Meet Shilpa Yarlagadda, the 24-year-old Harvard University student and founder of Shiffon Co.


A few weeks ago, Meghan, the Duchess of Sussex and Prince Harry, made it to the cover of the Time100 issue. Of course, the cover was scrutinised, memed and pontificated over. And as is now par the course, fashion followers scrambled to identify Meghan’s wardrobe choices from head, to well, pinky finger.

Spotted on her left hand, was the dainty Duet pinky ring, by Shiffon Co. The jewellery label, started by the then 20-year-old Shilpa Yarlagadda, between her freshman and sophomore year at Harvard University was founded on the idea of jewellery, an important and emotional part of Indian culture, empowering women.

This ring in particular, has also been worn by Michelle Obama and Serena Williams. Set with a tiny diamond beside a larger diamond, this adjustable ring represents one woman supporting another through a “pinky promise, to pay it forward to support other women. 50% of the profits from sale, then through the company’s nonprofit, the StartUp Girl Foundation, seeds grants to female entrepreneurs.

No surprises, that the Meghan effect is in full swing; the ring is currently sold out. We spoke to Yarlagadda on paying it forward, on balancing school and entrepreneurship and what the future holds for her.

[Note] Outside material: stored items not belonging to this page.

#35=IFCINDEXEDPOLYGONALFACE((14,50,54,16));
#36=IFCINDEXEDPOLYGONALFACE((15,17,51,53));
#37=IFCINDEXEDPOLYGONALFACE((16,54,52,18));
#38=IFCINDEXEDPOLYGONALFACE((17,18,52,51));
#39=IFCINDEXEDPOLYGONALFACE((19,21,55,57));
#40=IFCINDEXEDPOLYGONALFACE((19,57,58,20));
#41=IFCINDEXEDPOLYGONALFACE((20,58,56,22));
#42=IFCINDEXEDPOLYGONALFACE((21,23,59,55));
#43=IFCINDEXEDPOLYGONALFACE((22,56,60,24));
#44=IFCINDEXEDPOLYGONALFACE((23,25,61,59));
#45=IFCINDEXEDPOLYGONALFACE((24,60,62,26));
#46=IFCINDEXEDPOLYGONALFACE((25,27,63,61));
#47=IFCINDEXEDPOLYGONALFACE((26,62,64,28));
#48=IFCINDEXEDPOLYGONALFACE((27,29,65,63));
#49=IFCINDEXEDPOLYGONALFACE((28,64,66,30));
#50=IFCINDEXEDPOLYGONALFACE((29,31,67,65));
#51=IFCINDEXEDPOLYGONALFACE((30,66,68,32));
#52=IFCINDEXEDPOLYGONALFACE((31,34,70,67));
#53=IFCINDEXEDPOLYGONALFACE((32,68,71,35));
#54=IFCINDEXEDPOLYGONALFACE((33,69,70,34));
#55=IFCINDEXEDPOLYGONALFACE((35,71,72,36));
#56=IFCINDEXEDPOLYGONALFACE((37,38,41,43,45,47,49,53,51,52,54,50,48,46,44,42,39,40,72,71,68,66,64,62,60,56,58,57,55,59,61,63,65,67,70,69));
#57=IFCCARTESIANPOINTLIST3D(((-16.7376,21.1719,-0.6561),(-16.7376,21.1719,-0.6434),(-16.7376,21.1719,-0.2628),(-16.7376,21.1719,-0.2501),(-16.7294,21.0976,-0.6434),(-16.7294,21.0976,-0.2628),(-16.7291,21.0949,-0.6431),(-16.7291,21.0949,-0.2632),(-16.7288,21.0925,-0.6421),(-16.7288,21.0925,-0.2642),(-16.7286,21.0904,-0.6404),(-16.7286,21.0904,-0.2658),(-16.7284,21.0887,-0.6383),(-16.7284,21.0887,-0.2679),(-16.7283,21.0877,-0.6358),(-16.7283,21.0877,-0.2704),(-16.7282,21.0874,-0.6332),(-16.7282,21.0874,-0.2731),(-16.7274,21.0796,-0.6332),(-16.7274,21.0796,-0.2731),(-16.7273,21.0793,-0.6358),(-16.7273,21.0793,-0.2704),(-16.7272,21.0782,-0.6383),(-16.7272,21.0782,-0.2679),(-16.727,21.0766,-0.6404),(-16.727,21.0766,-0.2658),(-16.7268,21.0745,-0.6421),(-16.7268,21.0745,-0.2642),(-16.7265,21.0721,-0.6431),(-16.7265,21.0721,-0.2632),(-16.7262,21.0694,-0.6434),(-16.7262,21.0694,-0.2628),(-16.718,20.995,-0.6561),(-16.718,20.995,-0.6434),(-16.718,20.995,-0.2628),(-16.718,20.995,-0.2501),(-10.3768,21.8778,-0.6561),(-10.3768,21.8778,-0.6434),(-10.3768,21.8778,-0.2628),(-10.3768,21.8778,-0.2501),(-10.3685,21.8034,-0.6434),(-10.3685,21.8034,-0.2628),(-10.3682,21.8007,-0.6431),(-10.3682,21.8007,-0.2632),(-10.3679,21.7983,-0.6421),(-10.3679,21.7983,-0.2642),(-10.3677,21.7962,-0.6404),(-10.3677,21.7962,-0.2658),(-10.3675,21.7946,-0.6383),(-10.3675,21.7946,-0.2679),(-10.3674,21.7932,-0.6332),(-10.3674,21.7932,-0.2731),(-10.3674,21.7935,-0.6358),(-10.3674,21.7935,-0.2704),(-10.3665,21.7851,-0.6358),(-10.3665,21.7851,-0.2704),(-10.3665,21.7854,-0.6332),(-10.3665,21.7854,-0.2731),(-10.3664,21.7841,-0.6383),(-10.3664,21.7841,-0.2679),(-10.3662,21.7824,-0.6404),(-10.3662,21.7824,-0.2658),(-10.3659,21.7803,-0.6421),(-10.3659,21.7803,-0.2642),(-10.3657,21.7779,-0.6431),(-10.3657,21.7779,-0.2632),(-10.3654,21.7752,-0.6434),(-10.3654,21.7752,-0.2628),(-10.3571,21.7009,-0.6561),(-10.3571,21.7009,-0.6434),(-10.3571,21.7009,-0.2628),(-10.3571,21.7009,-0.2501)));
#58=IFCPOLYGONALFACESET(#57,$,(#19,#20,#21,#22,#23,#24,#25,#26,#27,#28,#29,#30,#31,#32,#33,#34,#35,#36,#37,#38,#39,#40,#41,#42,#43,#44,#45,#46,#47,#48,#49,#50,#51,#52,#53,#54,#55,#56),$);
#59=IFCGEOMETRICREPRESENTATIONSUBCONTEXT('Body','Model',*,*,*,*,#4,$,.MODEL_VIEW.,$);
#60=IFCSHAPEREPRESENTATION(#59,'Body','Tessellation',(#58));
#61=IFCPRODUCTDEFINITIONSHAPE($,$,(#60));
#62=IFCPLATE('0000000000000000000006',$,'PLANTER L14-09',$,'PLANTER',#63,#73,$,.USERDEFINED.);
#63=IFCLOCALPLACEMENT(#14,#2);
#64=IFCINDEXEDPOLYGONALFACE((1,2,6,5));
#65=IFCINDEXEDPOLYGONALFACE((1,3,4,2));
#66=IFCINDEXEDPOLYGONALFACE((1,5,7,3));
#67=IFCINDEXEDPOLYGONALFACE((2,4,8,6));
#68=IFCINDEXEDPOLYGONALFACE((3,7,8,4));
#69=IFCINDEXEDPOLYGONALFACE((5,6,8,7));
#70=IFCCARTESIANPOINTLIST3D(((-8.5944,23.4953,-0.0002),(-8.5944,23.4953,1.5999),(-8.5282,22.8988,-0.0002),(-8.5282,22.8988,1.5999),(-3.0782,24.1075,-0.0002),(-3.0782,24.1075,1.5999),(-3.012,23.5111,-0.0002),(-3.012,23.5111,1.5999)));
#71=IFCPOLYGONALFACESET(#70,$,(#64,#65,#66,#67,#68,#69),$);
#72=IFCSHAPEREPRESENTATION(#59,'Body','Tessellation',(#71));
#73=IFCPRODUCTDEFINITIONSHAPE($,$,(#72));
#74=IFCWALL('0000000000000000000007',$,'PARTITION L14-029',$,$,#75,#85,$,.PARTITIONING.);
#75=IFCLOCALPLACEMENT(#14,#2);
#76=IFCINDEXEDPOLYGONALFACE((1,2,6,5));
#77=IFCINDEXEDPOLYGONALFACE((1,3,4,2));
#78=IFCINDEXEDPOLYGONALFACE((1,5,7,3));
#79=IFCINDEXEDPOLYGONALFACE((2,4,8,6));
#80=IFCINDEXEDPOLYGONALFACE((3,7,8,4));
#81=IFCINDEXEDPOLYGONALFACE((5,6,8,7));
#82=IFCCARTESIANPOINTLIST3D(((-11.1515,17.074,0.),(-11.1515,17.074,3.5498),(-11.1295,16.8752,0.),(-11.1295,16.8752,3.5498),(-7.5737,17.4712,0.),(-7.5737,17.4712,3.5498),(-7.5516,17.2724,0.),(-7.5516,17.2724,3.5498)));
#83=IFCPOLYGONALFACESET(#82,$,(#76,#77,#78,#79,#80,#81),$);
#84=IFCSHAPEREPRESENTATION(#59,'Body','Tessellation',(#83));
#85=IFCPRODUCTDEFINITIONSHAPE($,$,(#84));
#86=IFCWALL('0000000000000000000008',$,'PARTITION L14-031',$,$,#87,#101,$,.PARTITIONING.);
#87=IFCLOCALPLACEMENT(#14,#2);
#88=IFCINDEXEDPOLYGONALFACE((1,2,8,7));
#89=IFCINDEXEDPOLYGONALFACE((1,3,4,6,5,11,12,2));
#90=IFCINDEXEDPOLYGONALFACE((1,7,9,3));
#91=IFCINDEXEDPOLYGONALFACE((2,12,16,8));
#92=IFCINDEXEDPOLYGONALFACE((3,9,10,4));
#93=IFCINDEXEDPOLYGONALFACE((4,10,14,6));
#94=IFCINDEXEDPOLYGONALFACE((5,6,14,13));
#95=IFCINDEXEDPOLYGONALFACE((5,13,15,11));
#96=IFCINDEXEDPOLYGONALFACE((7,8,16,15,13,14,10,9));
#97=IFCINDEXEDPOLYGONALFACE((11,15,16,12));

What was the impetus in starting your label, especially while in school? Why the pinky ring?

I grew up in Silicon Valley around entrepreneurship which was in itself very inspiring but I was aware from a very young age that there were not enough women in the fields that I hoped to one day get into which were tech, investment, entrepreneurship. Today, less than 2.3% of venture funding goes to women.

On starting school I started to ponder this concept more, and when thinking about rings (I didn’t know my own ring size and couldn’t quite figure it out) I thought about the idea of an adjustable ring that everyone could wear. This idea grew, along with that of creating a community where women could support other women.

Shiffon Co. was a way to create opportunity through the concept of the ‘pinky promise’ – our Duet Ring design features a spiral – representative of the upward and sometimes downward spirals of life, and the smaller and bigger diamond, of the act of paying it forward. Women deserve an equal opportunity in both failure and success, but those opportunities are rarely there to start with, and yet it has been proven that female led businesses have a higher chance of success. Since founding Shiffon, we have been able to garner an incredible board of mentors and create opportunities for a group of mission focused female founders through our not for profit Start Up Girl Foundation — our hope is to continue to support and inspire positive change here!

What are you most proud of at ShiffonCo?

I am so lucky to have an incredible group of mentors – one of whom, Rebecca Selva, Chief Creative Officer of Fred Leighton, taught me that beauty, function and purpose can all be a part of the same thing. Women are so multifaceted — we can be beautiful, powerful and purposeful all at the same time – and everything we put into Shiffon Co. is built on these pillars. Our philosophy is that individual and group success are more or less the same thing — we just want to be there to create the initial opportunity.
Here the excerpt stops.